ん?そういえばどうしてお金を稼ぐのが主目的になってしまったんでしょうか。情報収集をしなければいけません。クラッコは呪いの元凶がこの世界にいると言っていましたが、そういった超常現象が存在しているのでしょうか?それを探してみるのもありかもしれませんが、私の能力はこちらでも異常な気がします。
一般的ならば、先ほどの場でお前は○○なのかと言われるような気がします。でもあの場では全員驚いていましたし、なんだかよく分かりませんね。
そもそもどうして異世界であるここで発生する呪いが……
「だからうっさい!」
人が真剣に考察しているのにワーウルフ共がよってきました。ムカつくので有効範囲の奴等をまとめてクラッシュしておきました。これでじっくり考察でき…………
「ってしまったー!!!!自動加算だからばれるじゃん!」
やってしまいました。これではどうやっても大騒ぎです。範囲内に奴らは140匹くらいいました。いきなり依頼28回分、銀貨にすれば14枚です。収納袋を買ってこの街をおさらばしてしまいましょうか?
ふらっと現れて多量に狩って去ってゆく。なんて噂になりそうですが、1日の出来事ならすぐに忘れられそうですね。
決まりです。換金して収納袋を買って他の街に移動しましょう。そこでクラッコの情報などを探しましょうか。よく考えたらギルマス相手にあれだけ一方的に勝利を得たんです、多少のことで噂にあがってしまうでしょうからね。

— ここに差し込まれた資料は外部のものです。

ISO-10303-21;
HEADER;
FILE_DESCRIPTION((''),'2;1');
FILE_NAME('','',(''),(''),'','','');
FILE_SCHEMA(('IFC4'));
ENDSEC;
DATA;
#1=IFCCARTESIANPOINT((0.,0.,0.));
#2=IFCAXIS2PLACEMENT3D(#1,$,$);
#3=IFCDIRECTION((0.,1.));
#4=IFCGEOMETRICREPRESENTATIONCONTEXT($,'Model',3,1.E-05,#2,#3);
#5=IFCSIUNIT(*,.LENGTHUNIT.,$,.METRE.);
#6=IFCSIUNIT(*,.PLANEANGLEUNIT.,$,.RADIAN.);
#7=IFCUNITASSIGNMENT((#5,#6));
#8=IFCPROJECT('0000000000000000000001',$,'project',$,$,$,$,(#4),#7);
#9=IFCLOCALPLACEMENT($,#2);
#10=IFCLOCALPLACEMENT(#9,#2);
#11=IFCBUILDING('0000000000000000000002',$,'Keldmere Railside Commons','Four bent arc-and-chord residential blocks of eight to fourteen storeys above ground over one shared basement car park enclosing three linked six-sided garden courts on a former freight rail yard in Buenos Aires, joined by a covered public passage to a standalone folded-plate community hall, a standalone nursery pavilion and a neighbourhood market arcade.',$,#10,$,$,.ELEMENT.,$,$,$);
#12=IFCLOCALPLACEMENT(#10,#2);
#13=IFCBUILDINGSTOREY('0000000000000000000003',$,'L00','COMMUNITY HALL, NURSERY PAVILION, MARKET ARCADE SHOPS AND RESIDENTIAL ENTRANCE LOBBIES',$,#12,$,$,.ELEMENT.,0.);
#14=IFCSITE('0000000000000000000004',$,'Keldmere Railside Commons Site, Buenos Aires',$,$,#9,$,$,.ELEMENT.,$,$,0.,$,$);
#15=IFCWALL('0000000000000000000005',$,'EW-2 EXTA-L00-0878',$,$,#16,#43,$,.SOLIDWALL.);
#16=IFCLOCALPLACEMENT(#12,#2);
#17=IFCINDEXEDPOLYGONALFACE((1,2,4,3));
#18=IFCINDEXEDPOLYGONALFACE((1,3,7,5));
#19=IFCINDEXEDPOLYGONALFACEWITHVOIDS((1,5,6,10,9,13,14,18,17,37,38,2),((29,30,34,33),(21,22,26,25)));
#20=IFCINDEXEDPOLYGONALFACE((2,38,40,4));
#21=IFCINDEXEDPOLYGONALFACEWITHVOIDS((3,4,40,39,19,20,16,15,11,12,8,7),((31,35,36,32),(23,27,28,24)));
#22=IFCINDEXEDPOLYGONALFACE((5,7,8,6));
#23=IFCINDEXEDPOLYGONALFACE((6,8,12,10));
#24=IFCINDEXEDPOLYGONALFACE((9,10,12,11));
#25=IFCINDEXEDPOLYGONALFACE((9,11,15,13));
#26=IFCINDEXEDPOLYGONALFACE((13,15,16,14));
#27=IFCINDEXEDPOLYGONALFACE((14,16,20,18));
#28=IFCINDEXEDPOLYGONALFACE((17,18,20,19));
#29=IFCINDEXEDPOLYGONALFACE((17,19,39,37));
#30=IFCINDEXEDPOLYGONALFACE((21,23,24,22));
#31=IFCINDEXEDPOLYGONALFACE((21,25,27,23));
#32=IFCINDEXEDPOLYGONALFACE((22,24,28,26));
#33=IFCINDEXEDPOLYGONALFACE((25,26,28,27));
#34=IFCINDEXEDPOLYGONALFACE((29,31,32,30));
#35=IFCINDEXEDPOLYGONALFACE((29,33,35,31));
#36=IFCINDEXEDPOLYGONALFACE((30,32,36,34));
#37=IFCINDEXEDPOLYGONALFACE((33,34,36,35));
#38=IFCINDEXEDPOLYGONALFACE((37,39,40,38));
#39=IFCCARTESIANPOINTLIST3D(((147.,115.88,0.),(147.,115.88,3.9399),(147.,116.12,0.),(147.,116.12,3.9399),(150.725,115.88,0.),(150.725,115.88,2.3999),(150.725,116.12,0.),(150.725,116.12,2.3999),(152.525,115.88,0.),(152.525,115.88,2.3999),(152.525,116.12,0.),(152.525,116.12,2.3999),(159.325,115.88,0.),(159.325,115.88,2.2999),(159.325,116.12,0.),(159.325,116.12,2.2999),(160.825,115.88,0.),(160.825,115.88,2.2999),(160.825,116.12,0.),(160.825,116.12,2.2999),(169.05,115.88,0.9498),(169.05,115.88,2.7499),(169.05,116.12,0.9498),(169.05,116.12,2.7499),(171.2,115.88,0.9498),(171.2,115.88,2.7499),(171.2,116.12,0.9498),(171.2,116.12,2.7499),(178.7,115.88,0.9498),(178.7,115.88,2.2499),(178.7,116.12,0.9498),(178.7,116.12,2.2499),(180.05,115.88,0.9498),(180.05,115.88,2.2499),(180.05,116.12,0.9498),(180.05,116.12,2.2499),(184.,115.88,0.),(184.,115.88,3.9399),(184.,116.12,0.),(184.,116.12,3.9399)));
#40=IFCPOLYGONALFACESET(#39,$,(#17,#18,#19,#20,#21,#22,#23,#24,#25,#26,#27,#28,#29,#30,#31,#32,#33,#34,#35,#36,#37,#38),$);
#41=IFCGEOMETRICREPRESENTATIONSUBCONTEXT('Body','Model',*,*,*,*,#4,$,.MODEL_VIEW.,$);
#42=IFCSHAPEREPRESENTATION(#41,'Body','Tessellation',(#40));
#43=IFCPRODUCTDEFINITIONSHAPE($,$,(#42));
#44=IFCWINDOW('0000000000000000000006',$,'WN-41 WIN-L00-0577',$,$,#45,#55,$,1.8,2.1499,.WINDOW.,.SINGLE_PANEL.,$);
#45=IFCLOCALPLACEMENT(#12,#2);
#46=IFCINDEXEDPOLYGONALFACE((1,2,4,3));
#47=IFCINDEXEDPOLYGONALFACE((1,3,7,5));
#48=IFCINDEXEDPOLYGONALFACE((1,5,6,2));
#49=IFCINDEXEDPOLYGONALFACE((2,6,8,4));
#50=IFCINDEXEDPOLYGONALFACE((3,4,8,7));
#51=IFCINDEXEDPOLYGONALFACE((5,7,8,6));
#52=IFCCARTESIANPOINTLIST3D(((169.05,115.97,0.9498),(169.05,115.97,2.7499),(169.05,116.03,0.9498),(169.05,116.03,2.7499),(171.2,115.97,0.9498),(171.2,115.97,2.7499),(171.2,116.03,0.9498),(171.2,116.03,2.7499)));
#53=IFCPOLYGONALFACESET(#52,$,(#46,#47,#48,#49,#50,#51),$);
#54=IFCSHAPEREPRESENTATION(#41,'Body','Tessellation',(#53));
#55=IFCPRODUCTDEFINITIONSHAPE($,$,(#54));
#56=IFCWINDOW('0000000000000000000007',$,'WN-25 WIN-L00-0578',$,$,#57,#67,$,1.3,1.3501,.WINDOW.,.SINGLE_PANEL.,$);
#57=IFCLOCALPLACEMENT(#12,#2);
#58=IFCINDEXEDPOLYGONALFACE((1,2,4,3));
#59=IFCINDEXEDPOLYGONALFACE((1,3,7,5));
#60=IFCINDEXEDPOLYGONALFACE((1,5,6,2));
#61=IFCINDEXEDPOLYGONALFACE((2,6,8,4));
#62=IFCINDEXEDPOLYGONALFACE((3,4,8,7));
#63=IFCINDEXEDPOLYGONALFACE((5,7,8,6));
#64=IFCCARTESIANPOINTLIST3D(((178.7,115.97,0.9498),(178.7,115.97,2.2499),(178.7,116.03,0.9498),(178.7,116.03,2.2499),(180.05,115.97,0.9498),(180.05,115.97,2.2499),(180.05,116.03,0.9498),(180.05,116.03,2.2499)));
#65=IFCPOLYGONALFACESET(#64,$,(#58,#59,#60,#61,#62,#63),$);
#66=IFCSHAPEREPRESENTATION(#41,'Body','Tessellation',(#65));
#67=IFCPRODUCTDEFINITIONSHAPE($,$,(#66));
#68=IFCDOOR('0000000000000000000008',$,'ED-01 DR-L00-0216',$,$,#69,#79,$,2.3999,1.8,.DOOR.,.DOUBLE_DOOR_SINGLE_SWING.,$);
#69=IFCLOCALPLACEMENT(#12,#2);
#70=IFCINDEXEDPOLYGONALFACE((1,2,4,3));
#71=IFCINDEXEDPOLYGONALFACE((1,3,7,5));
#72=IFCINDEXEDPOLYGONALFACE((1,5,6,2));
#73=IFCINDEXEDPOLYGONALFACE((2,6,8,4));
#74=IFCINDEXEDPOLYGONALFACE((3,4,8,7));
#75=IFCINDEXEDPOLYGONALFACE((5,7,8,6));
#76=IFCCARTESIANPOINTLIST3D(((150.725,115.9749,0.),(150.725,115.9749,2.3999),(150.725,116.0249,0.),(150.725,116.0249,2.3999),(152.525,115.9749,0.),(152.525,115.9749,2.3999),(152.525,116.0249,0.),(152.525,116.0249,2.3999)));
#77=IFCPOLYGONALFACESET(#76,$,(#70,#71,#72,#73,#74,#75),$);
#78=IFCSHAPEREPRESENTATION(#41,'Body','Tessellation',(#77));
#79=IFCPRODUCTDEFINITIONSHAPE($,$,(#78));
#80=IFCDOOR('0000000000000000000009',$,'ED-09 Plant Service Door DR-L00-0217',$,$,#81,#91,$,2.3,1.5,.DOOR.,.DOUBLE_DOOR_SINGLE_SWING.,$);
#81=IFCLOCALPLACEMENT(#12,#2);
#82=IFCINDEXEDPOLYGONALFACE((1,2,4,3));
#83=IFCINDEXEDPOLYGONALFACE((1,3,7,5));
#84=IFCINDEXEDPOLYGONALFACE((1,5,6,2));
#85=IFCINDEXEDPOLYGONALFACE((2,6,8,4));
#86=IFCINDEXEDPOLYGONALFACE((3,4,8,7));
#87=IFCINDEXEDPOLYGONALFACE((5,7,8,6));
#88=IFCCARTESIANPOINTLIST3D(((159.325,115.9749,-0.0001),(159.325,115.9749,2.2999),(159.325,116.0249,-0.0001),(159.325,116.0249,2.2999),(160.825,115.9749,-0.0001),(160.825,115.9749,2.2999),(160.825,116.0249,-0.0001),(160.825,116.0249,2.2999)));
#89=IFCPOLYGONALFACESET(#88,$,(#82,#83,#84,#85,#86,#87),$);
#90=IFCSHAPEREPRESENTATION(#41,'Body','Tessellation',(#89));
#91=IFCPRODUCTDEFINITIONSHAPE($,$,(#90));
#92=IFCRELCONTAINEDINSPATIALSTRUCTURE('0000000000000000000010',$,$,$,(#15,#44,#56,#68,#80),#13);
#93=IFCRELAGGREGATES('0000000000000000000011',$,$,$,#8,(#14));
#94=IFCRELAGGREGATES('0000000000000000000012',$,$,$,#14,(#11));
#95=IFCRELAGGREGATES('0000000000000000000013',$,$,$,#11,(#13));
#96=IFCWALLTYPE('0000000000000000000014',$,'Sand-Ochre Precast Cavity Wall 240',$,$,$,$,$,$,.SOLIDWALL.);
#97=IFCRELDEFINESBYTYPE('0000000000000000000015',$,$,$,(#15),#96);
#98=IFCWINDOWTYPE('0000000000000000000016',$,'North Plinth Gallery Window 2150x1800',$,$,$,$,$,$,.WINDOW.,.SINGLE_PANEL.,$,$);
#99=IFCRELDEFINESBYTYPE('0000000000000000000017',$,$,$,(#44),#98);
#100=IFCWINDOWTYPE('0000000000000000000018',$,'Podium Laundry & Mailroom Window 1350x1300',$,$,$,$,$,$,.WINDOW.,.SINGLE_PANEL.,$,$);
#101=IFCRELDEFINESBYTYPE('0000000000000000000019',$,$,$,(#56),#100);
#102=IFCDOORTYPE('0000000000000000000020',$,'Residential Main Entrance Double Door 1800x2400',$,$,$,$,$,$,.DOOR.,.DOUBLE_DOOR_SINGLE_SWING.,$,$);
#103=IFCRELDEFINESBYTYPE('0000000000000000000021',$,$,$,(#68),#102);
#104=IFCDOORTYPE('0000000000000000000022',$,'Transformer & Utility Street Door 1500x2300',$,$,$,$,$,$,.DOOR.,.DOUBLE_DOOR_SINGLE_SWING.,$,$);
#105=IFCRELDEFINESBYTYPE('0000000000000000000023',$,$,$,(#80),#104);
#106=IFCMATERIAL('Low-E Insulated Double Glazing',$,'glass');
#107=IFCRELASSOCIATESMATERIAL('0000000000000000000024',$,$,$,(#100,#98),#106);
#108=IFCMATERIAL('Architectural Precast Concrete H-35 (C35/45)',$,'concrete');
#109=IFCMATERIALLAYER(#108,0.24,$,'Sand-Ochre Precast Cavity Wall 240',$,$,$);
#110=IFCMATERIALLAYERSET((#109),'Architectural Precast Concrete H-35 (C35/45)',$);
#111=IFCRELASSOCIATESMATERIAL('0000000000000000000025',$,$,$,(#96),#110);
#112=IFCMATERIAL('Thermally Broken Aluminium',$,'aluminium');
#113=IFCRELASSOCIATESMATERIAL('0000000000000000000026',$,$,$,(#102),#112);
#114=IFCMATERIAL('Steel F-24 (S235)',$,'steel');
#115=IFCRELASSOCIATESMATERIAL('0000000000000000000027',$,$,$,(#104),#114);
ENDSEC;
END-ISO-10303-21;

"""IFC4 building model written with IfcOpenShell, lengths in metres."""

from ifc_helpers import new_model, si_unit, direction, frame, frame_2d, origin, place, context, subcontext, project, spatial, rectangle, extrude, material, layer, layer_set, type_object, element, fill, save


model = new_model("IFC4")

# Units and contexts
model_context = context("Model", 3, precision=1e-05, world=origin(), true_north=direction((0.0, 1.0)))
body_context = subcontext(model_context, "Body", "Model", "MODEL_VIEW")
ifc_project = project(units=[si_unit("LENGTHUNIT", "METRE"), si_unit("PLANEANGLEUNIT", "RADIAN")], contexts=[model_context])

# Site, building, storey
site_placement = place(None, origin())
site = spatial("IfcSite", under=ifc_project, at=site_placement, Name="Keldmere Railside Commons Site, Buenos Aires", CompositionType="ELEMENT", RefElevation=0.0)
building_placement = place(site_placement, origin())
building = spatial("IfcBuilding", under=site, at=building_placement, Name="Keldmere Railside Commons", Description="Four bent arc-and-chord residential blocks of eight to fourteen storeys above ground over one shared basement car park enclosing three linked six-sided garden courts on a former freight rail yard in Buenos Aires, joined by a covered public passage to a standalone folded-plate community hall, a standalone nursery pavilion and a neighbourhood market arcade.", CompositionType="ELEMENT")
storey_placement = place(building_placement, origin())
storey = spatial("IfcBuildingStorey", under=building, at=storey_placement, Name="L00", Description="COMMUNITY HALL, NURSERY PAVILION, MARKET ARCADE SHOPS AND RESIDENTIAL ENTRANCE LOBBIES", CompositionType="ELEMENT", Elevation=0.0)

# Shared definitions
ifc_material_1 = material(Name="Steel F-24 (S235)", Category="steel")

# Shared definitions
ifc_material_2 = material(Name="Low-E Insulated Double Glazing", Category="glass")
window_type_1 = type_object("IfcWindowType", Name="Podium Laundry & Mailroom Window 1350x1300", PartitioningType="SINGLE_PANEL", PredefinedType="WINDOW", material=ifc_material_2)

# Wall, openings, windows, doors
ifc_material_3 = material(Name="Architectural Precast Concrete H-35 (C35/45)", Category="concrete")
ifc_layer_1 = layer(ifc_material_3, 0.24, Name="Sand-Ochre Precast Cavity Wall 240")
ifc_layer_set_1 = layer_set([ifc_layer_1], Name="Architectural Precast Concrete H-35 (C35/45)")
wall_type_1 = type_object("IfcWallType", Name="Sand-Ochre Precast Cavity Wall 240", PredefinedType="SOLIDWALL", material=ifc_layer_set_1)
wall_1_placement = place(storey_placement, frame((147.0, 116.0, 0.0), z_axis=(0.0, 0.0, 1.0), x_axis=(1.0, 0.0, 0.0)))
wall_1 = element("IfcWall", 1, at=wall_1_placement, inside=storey, type_object=wall_type_1, Name="EW-2 EXTA-L00-0878", PredefinedType="SOLIDWALL", context=body_context, shape_type="SweptSolid", body=[
    extrude(rectangle(XDim=37.0, YDim=0.24, at=frame_2d((18.5, 0.0))), origin(), (0.0, 0.0, 1.0), 3.9399),
])
opening_1_placement = place(wall_1_placement, frame((3.7251, 0.0, 0.0)))
opening_1 = element("IfcOpeningElement", 2, at=opening_1_placement, cuts=wall_1, PredefinedType="OPENING", context=body_context, shape_type="SweptSolid", body=[
    extrude(rectangle(XDim=1.8, YDim=2.3999, at=frame_2d((0.8999, 1.2))), frame((0.0, 0.1299, 0.0), z_axis=(0.0, -1.0, 0.0), x_axis=(1.0, 0.0, 0.0)), (0.0, 0.0, 1.0), 0.26),
])
opening_2_placement = place(wall_1_placement, frame((12.325, 0.0, 0.0)))
opening_2 = element("IfcOpeningElement", 3, at=opening_2_placement, cuts=wall_1, PredefinedType="OPENING", context=body_context, shape_type="SweptSolid", body=[
    extrude(rectangle(XDim=1.5, YDim=2.3, at=frame_2d((0.75, 1.1499))), frame((0.0, 0.1299, 0.0), z_axis=(0.0, -1.0, 0.0), x_axis=(1.0, 0.0, 0.0)), (0.0, 0.0, 1.0), 0.26),
])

そんな訳で街へ帰ってきました。東から入るとあの門番さんの相手をしなければいけないので面倒です。なので南から入ることにしました。
「ようこそ、クレイアへ。身分証はあるか?」
南の門番さんはなんだかやる気がなさそうです。ギルド証を提示したのですが、チラッと見てOKが出ました。
こちらとしては楽でいいのですが、これで大丈夫かと心配になります。というより、この街はクレイアというのですね、今知りました。
「犯罪に巻き込まれないよう気をつけてくれよ?対応するのは俺達なんだ」
「自衛くらいはできますわ。でもご忠告感謝しますわ、ありがとう」
わたしも男としてな考え方は理解できますが、ありがとうを言っただけで赤面するのはいかがなものかと思います。この人は色仕掛けに弱そうな印象を持ってしまいますね。